Most of us probably would contend that telling a direct lie is worse than withholding the truth.  You might feel a small stab of regret over not raising your hand in class to give the correct answer; but raise your hand and provide the wrong answer, and you feel much worse. The first principle imparted to all medical students is “Do no harm.” It’s not, pointedly, “Do some good.” Our legal system draws a similar distinction, seldom assigning an affirmative duty to rescue. Submerge someone in water, and you’re in trouble. Stand idly by while someone flails in the pool before drowning, and— unless you’re the lifeguard — you won’t be charged with failing to rescue.  In most large companies, managers are obsessed with avoiding failure rather than missing opportunities. Errors of commission are often assigned responsibility, but people are rarely held accountable for failing to act, even though those errors can be just as, if not more, costly.

This same thinking extends to sports officials. In our book, Scorecasting: The Hidden Influences Behind How Sports Are Played and Games Are Won, we examine how omission bias affects refereeing.  We find evidence in every sport — baseball, basketball, hockey, soccer, and football — that officials are systematically more worried about making wrong calls than wrong non-calls.  As a consequence, they “swallow the whistle” when the game is on the line.  Especially during crucial intervals, officials often take pains not to insinuate themselves into the game. In the NBA, there’s even an unwritten directive: “When the game steps up, you step down.”

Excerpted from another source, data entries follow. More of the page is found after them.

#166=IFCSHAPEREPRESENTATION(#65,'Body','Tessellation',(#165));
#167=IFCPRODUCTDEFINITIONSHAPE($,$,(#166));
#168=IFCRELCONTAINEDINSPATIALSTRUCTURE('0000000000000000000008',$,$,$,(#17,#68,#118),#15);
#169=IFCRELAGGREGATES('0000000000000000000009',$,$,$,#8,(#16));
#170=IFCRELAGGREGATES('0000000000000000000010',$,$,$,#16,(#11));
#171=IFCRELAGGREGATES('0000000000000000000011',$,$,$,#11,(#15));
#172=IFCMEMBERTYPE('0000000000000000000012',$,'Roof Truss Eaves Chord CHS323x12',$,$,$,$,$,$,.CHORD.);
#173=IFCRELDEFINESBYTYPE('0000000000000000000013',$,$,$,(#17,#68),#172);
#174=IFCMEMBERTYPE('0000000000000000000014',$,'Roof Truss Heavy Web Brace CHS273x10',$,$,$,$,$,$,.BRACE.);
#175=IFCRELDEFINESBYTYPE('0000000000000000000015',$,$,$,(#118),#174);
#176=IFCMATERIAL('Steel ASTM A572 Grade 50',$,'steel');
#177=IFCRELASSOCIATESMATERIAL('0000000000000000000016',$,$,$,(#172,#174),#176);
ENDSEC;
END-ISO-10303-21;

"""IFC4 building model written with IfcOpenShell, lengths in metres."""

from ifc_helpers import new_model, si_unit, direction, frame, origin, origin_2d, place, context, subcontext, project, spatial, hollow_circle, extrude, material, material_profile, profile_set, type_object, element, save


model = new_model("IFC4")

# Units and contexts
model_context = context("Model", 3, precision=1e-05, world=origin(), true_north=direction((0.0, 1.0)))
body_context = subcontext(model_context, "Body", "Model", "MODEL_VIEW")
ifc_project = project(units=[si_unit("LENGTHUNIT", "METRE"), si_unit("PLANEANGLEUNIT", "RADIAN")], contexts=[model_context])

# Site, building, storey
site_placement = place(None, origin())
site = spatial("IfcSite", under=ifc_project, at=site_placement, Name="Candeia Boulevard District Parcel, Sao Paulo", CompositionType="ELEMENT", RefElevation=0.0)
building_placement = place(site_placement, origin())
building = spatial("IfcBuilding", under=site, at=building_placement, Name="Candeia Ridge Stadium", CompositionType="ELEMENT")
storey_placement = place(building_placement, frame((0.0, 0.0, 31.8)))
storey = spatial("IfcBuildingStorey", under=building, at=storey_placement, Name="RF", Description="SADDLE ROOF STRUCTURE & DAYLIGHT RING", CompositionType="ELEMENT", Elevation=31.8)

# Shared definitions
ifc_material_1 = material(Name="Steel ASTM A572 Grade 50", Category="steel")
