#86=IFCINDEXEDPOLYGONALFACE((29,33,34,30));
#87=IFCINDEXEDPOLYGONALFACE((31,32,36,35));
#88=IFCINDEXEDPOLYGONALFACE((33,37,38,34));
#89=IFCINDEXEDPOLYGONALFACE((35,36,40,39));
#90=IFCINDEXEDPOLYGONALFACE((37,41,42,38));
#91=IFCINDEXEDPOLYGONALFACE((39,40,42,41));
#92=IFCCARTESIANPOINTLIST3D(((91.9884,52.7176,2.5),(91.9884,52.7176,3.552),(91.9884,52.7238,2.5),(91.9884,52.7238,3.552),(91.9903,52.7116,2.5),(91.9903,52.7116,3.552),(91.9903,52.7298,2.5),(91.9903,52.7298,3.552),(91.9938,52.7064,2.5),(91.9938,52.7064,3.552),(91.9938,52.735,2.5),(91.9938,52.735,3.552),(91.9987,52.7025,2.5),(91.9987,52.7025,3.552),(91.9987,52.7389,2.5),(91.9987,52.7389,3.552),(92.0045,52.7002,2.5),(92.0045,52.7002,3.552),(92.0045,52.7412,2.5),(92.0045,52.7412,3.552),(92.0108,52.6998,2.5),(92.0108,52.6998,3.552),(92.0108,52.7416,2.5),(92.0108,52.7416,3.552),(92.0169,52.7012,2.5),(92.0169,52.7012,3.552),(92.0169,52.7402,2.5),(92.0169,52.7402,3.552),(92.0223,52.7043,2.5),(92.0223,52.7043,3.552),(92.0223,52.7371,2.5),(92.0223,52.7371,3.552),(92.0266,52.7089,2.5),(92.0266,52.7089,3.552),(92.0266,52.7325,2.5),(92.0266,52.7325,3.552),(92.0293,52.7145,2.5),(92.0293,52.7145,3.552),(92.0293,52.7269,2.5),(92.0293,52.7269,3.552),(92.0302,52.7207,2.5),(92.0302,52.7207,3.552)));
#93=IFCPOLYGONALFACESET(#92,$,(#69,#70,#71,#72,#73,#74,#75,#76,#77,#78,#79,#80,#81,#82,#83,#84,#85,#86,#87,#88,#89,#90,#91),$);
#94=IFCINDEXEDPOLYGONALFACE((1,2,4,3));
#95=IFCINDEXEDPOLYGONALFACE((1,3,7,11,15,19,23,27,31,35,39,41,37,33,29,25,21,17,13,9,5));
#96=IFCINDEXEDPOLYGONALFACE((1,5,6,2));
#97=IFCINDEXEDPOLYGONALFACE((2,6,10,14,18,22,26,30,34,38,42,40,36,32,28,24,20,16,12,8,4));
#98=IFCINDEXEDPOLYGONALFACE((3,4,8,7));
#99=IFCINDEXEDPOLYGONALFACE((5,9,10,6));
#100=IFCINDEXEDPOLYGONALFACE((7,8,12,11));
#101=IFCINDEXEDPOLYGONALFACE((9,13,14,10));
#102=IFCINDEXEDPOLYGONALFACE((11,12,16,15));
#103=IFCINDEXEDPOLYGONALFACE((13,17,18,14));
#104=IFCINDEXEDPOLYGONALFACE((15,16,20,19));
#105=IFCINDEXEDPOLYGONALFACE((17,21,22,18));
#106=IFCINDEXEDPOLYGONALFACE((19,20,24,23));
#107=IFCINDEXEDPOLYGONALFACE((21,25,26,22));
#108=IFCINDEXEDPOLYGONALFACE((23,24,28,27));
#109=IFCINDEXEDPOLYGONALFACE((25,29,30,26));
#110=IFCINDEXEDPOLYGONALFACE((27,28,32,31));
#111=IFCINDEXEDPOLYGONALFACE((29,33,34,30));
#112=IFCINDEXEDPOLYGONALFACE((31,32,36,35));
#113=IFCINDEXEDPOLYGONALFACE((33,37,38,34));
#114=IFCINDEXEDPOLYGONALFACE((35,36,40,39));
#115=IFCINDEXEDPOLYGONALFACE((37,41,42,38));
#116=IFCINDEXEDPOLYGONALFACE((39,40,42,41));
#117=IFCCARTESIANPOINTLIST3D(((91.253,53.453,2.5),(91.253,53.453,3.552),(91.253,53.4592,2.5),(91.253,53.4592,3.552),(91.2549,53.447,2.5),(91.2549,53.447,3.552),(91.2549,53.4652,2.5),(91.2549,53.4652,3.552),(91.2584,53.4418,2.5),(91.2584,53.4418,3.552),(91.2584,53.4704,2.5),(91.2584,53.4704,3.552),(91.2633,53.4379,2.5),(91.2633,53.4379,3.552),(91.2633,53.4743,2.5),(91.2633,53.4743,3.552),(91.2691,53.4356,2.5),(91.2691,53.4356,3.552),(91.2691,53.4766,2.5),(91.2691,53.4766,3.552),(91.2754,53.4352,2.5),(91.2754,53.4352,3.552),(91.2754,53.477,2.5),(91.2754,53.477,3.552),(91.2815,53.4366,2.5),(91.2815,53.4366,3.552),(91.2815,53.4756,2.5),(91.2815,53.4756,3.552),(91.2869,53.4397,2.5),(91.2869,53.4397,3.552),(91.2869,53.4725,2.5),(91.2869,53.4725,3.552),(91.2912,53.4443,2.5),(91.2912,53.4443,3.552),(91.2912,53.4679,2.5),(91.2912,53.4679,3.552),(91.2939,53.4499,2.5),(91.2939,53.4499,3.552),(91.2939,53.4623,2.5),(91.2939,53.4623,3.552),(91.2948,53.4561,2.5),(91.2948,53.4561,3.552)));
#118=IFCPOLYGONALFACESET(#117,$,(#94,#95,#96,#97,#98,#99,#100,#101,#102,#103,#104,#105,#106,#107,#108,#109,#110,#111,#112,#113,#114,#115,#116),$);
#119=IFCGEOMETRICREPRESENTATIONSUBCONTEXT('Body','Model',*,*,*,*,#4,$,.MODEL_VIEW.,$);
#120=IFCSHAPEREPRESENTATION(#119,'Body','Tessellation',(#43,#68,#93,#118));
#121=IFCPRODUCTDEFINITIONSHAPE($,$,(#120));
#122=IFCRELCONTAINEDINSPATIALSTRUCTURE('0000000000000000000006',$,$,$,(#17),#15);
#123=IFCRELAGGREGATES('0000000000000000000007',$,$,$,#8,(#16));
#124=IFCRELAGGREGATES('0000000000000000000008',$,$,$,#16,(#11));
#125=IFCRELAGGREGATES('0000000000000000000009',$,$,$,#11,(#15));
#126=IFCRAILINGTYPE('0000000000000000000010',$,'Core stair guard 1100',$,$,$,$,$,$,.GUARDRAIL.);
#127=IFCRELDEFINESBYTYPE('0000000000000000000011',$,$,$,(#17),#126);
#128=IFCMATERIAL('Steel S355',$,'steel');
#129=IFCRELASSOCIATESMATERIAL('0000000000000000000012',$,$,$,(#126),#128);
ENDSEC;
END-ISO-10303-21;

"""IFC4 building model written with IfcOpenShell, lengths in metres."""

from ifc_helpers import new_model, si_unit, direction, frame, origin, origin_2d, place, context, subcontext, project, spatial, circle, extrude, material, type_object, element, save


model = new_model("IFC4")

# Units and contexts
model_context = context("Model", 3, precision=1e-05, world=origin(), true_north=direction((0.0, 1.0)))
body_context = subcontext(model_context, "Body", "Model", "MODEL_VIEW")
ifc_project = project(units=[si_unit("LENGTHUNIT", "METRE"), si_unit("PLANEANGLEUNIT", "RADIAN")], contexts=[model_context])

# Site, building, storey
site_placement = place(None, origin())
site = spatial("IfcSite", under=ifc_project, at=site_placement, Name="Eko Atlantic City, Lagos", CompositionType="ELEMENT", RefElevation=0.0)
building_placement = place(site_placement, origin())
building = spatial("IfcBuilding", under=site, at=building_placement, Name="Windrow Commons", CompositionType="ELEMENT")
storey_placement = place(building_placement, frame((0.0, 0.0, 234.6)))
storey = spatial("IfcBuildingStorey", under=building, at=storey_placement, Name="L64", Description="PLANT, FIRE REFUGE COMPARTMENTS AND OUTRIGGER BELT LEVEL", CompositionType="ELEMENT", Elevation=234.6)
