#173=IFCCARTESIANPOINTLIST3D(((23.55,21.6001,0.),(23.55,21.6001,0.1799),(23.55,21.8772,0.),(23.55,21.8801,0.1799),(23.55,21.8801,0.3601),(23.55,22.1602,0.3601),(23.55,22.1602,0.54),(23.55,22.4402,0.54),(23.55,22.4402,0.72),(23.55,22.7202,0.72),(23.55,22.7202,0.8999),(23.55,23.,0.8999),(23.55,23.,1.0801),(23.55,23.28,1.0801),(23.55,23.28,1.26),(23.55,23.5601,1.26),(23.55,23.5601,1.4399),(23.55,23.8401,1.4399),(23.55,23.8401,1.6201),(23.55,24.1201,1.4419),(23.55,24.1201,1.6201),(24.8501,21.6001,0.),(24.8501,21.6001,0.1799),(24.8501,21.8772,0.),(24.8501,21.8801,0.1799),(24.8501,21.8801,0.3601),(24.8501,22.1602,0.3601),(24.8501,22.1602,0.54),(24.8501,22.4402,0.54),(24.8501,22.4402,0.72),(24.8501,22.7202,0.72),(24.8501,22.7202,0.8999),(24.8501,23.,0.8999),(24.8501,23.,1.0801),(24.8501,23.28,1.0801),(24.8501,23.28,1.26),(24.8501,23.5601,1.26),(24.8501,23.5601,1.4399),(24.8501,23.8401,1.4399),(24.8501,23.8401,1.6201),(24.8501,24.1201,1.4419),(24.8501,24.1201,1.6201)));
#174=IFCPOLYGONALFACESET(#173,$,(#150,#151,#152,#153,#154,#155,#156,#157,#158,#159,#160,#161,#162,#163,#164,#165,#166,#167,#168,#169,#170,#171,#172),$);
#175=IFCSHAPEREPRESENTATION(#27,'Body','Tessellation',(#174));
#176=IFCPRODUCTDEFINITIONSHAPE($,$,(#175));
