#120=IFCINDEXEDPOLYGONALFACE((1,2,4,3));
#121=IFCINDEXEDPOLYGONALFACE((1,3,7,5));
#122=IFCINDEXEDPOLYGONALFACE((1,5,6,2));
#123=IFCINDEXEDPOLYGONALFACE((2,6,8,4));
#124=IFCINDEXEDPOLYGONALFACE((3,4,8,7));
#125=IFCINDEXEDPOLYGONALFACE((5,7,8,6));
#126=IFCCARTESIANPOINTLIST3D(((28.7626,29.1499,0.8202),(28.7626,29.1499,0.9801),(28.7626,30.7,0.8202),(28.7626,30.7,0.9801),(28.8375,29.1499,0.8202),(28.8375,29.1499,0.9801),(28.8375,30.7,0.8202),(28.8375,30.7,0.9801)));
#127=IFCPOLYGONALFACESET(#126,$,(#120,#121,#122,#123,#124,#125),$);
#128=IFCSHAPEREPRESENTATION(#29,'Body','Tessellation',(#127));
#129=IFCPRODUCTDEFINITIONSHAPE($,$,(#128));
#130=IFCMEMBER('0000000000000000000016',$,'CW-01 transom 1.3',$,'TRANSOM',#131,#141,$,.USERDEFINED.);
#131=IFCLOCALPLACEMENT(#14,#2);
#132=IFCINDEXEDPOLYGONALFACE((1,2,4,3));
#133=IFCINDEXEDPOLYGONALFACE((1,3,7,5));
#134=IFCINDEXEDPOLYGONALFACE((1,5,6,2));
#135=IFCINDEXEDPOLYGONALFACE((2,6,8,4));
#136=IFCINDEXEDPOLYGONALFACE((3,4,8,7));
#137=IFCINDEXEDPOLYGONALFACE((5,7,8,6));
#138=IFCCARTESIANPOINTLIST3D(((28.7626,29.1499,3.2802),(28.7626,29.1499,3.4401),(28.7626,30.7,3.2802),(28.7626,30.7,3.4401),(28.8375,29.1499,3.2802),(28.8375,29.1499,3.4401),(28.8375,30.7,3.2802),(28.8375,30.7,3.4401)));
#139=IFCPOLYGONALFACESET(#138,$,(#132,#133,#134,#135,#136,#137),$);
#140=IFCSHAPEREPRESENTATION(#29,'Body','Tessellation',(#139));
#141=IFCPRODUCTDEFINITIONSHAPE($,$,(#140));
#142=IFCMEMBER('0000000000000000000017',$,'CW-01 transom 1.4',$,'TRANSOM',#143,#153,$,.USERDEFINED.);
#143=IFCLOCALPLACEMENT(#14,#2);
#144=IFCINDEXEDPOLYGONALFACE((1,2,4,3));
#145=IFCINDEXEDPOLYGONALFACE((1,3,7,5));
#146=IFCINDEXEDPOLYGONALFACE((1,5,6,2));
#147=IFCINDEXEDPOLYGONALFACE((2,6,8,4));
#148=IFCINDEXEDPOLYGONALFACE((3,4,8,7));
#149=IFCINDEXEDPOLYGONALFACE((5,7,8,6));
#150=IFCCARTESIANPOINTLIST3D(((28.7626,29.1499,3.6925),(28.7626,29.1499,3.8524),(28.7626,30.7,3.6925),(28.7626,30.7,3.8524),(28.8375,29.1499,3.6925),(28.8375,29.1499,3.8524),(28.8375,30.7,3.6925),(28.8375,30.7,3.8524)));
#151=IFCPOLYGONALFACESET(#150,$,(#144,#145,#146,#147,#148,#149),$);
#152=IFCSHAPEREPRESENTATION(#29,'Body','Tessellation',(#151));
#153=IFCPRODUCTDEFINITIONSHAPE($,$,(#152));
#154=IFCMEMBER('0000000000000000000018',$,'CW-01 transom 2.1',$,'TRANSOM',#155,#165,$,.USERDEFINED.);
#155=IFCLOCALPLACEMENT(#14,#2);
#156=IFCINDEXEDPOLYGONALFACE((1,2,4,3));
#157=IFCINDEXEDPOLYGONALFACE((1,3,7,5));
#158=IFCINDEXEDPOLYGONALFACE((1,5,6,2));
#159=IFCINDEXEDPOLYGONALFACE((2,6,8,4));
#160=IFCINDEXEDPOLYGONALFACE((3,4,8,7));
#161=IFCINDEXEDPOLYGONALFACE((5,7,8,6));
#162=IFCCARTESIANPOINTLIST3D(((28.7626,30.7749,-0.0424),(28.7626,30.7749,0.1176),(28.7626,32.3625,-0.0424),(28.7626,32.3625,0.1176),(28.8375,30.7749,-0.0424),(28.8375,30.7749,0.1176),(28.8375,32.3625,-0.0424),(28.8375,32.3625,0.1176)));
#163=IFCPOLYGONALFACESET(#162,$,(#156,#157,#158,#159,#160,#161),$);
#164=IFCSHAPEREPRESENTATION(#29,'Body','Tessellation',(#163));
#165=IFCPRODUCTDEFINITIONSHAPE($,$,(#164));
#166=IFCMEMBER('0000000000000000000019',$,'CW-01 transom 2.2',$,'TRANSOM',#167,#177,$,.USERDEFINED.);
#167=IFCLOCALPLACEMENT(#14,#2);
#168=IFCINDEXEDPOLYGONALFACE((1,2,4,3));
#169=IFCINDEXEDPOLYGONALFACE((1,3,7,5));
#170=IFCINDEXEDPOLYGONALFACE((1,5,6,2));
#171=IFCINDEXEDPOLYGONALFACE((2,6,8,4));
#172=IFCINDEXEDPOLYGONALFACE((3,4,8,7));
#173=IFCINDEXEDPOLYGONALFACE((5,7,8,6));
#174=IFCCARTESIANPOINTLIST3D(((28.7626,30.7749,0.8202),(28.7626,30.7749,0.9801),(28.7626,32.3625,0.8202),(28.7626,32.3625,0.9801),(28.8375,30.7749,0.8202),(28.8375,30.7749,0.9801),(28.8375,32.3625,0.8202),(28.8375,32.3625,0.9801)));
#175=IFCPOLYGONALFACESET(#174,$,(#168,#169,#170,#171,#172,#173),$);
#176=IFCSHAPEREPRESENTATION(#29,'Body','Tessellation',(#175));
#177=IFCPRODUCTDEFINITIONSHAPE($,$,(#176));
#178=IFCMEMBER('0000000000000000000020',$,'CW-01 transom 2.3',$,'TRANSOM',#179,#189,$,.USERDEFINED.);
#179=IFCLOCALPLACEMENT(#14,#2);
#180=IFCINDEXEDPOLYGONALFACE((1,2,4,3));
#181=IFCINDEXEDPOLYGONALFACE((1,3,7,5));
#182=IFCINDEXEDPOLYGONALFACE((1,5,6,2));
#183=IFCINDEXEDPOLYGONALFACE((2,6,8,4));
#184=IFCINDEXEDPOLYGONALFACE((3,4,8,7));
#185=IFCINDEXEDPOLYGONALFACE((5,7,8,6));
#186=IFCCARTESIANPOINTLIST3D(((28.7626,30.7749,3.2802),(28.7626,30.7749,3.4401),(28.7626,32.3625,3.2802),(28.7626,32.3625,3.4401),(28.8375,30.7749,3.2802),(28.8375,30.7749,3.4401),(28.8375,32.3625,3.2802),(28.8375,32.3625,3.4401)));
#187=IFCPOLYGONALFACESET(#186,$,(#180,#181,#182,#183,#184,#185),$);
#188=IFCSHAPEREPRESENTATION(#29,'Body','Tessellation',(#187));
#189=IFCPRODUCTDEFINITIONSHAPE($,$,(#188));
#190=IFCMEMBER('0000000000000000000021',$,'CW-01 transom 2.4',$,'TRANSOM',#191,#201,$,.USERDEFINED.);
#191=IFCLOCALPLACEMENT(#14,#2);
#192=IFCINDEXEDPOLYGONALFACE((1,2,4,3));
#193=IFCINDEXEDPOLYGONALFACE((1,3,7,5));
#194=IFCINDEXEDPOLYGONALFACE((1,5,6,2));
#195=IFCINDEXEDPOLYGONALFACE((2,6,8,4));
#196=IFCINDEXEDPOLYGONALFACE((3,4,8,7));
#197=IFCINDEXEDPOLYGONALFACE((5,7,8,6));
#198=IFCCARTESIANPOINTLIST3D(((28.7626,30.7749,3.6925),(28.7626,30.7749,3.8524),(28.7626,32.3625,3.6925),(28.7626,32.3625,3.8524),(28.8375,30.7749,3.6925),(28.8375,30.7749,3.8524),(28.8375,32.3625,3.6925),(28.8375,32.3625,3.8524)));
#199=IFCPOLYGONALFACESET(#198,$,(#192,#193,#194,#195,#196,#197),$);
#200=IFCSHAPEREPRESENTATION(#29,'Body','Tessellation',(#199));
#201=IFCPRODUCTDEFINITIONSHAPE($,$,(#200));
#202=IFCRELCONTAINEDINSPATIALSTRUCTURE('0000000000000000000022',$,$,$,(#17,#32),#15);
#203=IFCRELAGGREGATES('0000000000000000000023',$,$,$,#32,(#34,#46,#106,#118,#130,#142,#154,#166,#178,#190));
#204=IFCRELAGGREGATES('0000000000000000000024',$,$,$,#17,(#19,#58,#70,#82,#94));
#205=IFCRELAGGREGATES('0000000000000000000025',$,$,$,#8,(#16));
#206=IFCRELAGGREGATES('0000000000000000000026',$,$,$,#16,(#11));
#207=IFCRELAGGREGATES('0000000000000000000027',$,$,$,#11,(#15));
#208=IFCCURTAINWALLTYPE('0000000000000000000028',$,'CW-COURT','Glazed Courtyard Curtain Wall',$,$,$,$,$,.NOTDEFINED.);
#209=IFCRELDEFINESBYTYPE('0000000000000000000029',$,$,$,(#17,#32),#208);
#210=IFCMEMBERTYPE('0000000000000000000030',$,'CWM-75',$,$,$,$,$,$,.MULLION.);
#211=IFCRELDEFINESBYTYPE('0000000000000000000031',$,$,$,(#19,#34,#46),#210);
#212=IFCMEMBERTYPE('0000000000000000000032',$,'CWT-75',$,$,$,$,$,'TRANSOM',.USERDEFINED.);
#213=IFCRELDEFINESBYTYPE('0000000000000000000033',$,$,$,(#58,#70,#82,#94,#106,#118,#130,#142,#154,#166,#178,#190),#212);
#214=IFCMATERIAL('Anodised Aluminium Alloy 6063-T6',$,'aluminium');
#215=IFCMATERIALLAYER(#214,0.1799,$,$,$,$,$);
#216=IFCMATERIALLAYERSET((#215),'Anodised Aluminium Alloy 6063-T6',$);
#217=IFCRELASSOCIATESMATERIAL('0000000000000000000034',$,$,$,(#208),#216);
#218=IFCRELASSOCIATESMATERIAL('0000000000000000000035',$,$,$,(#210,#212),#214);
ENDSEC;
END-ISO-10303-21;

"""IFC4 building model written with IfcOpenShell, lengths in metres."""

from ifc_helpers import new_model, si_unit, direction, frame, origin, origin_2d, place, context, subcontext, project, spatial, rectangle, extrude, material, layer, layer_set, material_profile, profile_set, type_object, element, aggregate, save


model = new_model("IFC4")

It’s a noble objective, but it expresses an unmistakable bias, and one could argue that it is worse tha
n the normal, random mistakes officials make during a game. Random referee errors, though annoying, can’t be predicted or gamed and tend to balance out over time, not favoring one team over the other.  A systematic bias is different, conferring a clear advantage (or disadvantage) to one type of player or team over another and enabling us — to say nothing of savvy teams, players, coaches, executives, and, yes, gamblers — to predict who will benefit from the officiating in which circumstances.

One clear example we show in baseball is that the umpire’s strike zone shrinks considerably when there are two strikes on the batter and widens considerably when there are three balls in the count. Many pitches that are technically within the strike zone are not called strikes when that would result in a called third strike. Conversely, the umpire’s strike zone expands significantly when there are three balls on the batter, going so far as to include pitches that are more than several inches outside the strike zone. To give an extreme example, the strike zone on 3–0 counts is 188 square inches larger than it is on 0–2 counts in MLB. That’s an astonishing difference, and it can’t be a random error.

Plot of the empirical strike zone (defined as any pitch called a strike at least 50% of the time by MLB umpires) on 3-0 vs. 0-2 counts. The black box represents the actual rules-mandated strike zone.

In basketball, hockey, soccer, and the NFL, we also find that the rate of officials’ calls, especially judgment calls, goes way down near the end of tight games and the bigger the stage.  How do we know this is referee bias and not just the flow of the game?  Because non-subjective calls that require little judgment — such as delay of game and shot clock violations, where everyone in the stadium can see a giant clock indicate that time has expired or, in the case of the NBA, the entire goal lighting up red — do not decline as the game gets tight or nears its end.  Officials seem to systematically swallow the whistle on judgment calls and let the players determine the outcome.  As fans, we may want that, too, but keep in mind it means the rules of the game aren’t being applied uniformly.

Since the Super Bowl is arguably the biggest stage and since pundits are predicting a tight game, don’t expect too many calls near its conclusion, and who knows, we might end up with another infamous Super Bowl play that perhaps should not have happened.